Herein lies a unique option: requiring that PBMs become pharmacy benefit administrators (PBAs), which would give these companies fiduciary responsibility and make them accountable to the plans — and patients — that they serve.
Over the past few years, several states have introduced legislation to hold PBMs accountable, bolster state budgets and help make it easier to pass savings along to patients. New Jersey passed and implemented a reverse auction that is saving the state $2.5 billion over five years. Maryland passed a similar bill in the past several weeks. In 2018, I worked with Secretary Azar to develop a proposal that would have delivered the most meaningful change on drug costs in decades. This remains important and states need this now more than ever.
How would a PBA model work? For starters, it would automatically rid the system of rebates that are driving up costs at the pharmacy counter, and convert them to savings for consumers and employers. Research published recently by the USC Schaeffer Center for Health Policy & Economics suggests a $1 increase in rebates is associated with a $1.17 increase in list price. Consider the example of Humalog, a popular insulin medication: on average, the monthly net price (the real-world cost) for the drug was $135 per patient in 2018 compared with an average list price of $594. There is little reason to doubt that most patients would pay closer to the net price if their insurer used a PBA.
Improved access is another likely result.
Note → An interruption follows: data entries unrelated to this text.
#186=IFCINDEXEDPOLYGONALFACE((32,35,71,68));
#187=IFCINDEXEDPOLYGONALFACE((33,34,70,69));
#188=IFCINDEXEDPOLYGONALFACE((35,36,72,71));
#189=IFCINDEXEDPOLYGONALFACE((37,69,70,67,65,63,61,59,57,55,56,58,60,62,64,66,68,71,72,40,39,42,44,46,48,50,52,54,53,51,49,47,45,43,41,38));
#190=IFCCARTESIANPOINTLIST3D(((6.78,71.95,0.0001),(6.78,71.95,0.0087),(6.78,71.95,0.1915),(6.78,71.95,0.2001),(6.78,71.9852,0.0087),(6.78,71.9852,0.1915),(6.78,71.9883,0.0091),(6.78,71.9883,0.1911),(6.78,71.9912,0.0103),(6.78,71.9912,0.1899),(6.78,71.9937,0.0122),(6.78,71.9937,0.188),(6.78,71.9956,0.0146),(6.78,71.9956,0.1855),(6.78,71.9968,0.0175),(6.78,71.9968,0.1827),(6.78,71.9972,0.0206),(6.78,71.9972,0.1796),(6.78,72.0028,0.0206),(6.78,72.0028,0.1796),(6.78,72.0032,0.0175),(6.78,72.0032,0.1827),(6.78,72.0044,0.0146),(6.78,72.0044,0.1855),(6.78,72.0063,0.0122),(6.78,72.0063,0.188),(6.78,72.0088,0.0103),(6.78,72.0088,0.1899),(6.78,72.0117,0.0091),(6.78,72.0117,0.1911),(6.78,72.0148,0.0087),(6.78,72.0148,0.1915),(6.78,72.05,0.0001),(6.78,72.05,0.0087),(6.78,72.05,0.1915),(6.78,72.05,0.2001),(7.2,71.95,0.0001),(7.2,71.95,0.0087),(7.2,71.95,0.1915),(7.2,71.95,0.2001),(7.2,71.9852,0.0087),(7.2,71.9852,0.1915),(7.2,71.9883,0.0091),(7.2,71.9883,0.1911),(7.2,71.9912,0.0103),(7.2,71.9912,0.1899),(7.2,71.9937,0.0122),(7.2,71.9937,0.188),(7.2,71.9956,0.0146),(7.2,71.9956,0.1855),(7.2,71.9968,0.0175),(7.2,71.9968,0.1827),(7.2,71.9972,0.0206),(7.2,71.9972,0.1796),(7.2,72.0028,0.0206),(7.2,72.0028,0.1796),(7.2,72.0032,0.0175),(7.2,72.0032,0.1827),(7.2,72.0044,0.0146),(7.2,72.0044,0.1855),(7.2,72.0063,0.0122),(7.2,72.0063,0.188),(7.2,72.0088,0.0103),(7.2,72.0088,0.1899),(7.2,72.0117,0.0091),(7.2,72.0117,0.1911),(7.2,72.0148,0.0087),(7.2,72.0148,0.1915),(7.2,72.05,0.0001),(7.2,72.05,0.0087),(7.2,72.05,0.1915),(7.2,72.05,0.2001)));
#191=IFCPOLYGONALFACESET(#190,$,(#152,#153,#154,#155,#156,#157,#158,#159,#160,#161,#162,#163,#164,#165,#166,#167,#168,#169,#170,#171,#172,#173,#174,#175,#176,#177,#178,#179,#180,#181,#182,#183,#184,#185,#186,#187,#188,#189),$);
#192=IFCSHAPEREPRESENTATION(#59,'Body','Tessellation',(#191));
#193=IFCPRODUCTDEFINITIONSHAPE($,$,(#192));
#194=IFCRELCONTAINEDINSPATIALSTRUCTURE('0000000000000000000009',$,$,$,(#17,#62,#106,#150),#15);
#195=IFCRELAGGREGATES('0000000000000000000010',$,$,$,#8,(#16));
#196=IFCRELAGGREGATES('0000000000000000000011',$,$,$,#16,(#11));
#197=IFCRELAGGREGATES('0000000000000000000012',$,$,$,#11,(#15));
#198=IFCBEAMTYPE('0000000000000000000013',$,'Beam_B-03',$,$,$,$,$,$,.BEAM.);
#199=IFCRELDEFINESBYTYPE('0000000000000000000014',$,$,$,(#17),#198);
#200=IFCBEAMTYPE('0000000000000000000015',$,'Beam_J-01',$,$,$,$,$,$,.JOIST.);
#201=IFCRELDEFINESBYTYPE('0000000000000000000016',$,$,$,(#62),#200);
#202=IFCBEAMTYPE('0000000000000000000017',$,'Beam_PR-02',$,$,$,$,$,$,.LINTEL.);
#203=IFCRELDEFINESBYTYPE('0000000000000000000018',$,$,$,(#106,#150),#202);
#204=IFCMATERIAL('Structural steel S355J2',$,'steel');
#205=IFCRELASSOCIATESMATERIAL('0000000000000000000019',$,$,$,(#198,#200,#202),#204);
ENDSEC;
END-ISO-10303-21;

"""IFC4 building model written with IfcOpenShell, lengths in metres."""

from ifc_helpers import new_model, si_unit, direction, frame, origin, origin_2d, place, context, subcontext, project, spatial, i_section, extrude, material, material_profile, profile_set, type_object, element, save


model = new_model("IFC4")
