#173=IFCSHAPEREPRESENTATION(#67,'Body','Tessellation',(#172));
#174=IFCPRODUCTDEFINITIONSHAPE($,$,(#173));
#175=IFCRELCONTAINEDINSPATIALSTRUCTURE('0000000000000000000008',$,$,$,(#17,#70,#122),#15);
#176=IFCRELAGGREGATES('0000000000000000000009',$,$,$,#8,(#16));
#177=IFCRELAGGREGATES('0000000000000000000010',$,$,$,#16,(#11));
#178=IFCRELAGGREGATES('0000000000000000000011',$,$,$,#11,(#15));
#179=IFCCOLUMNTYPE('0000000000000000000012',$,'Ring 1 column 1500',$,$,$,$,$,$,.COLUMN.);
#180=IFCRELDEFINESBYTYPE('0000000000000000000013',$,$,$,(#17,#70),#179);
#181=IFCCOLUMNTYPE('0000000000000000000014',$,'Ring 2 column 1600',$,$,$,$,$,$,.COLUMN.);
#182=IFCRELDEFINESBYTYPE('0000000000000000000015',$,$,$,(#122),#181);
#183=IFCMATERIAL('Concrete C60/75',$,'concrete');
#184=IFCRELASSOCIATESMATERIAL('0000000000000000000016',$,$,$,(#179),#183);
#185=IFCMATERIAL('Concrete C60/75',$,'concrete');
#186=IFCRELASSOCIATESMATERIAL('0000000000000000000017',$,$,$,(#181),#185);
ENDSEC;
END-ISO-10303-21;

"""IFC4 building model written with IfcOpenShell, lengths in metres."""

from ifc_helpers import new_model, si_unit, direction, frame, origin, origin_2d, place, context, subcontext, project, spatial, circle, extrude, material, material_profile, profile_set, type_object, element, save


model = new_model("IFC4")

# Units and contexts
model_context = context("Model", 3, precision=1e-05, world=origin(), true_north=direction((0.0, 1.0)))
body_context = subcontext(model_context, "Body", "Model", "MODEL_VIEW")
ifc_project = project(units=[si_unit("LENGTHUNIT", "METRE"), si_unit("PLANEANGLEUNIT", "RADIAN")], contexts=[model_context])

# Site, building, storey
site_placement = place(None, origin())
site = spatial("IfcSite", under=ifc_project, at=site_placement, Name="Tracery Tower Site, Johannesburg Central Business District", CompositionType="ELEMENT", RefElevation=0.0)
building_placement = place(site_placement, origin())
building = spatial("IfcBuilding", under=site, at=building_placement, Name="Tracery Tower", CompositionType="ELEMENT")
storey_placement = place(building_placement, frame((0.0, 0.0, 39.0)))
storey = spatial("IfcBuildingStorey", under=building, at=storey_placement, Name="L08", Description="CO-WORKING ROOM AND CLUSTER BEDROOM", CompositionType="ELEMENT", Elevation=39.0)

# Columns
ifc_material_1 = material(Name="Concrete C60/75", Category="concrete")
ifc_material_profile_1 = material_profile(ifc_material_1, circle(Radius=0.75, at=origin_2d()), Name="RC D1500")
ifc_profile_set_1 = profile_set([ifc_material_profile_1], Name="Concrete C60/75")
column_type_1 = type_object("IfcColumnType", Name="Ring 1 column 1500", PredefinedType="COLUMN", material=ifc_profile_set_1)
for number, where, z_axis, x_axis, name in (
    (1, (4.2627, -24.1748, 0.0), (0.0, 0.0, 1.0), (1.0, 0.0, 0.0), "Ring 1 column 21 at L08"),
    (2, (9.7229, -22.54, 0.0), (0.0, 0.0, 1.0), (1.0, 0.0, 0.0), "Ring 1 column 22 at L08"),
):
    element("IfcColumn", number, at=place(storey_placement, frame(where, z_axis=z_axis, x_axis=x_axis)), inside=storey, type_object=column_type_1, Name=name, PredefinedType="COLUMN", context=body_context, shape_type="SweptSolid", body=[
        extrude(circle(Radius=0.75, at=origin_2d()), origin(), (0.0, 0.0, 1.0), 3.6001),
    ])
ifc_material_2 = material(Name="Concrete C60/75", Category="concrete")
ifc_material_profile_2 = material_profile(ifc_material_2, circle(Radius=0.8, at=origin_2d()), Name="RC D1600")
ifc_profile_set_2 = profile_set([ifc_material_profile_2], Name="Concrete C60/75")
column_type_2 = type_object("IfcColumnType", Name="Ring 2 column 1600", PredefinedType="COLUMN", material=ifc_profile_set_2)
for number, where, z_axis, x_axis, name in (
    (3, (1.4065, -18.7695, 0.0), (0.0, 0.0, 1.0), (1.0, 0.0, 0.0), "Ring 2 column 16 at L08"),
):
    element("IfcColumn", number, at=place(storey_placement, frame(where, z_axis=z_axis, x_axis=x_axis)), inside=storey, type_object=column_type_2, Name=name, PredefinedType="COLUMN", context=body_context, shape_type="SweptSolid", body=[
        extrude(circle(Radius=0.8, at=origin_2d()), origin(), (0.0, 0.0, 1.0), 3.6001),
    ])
A recent bipartisan letter asked Secretary Azar and Administrator Verma why only six percent of patients with high cholesterol could get PCSK9s for a copay less than $50. A recent Avalere analysis shows the situation may be improving as one-third of all Medicare Part D beneficiaries can now find these drugs on the preferred brand tier. But when drug companies lowered the list price of PCSK9s by 60 percent, many Part D plans moved these drugs to non-preferred tiers, which often cost patients more money.
Finally, PBAs wouldn’t be incentivized to negotiate deals that would favor one company or treatment just because of market share or sheer patient volume. Just the opposite, formularies would better reflect the latest innovation that we’re seeing across a number of disease areas, including cancer, diabetes and rheumatoid arthritis. Makers of these treatments would compete on offering the greatest efficacy with the fewest side effects at the lowest net cost.
Democrats and Republicans deserve credit for working together to lower out-of-pocket costs. As COVID-19 creates a new set of challenges and opportunities for our health care system, particularly in the states, the one change that would benefit just about everyone who purchases medicines — individuals, companies, state governments, and many others — begins with a new approach for PBMs. We can all agree that breakthrough innovation doesn’t belong in a system where the middleman adds cost. Not anymore.
John O’Brien is a pharmacist and senior fellow at the USC Schaeffer Center for Health Policy & Economics. He does not receive money from companies making the drugs mentioned in this article nor the trade groups who represent them.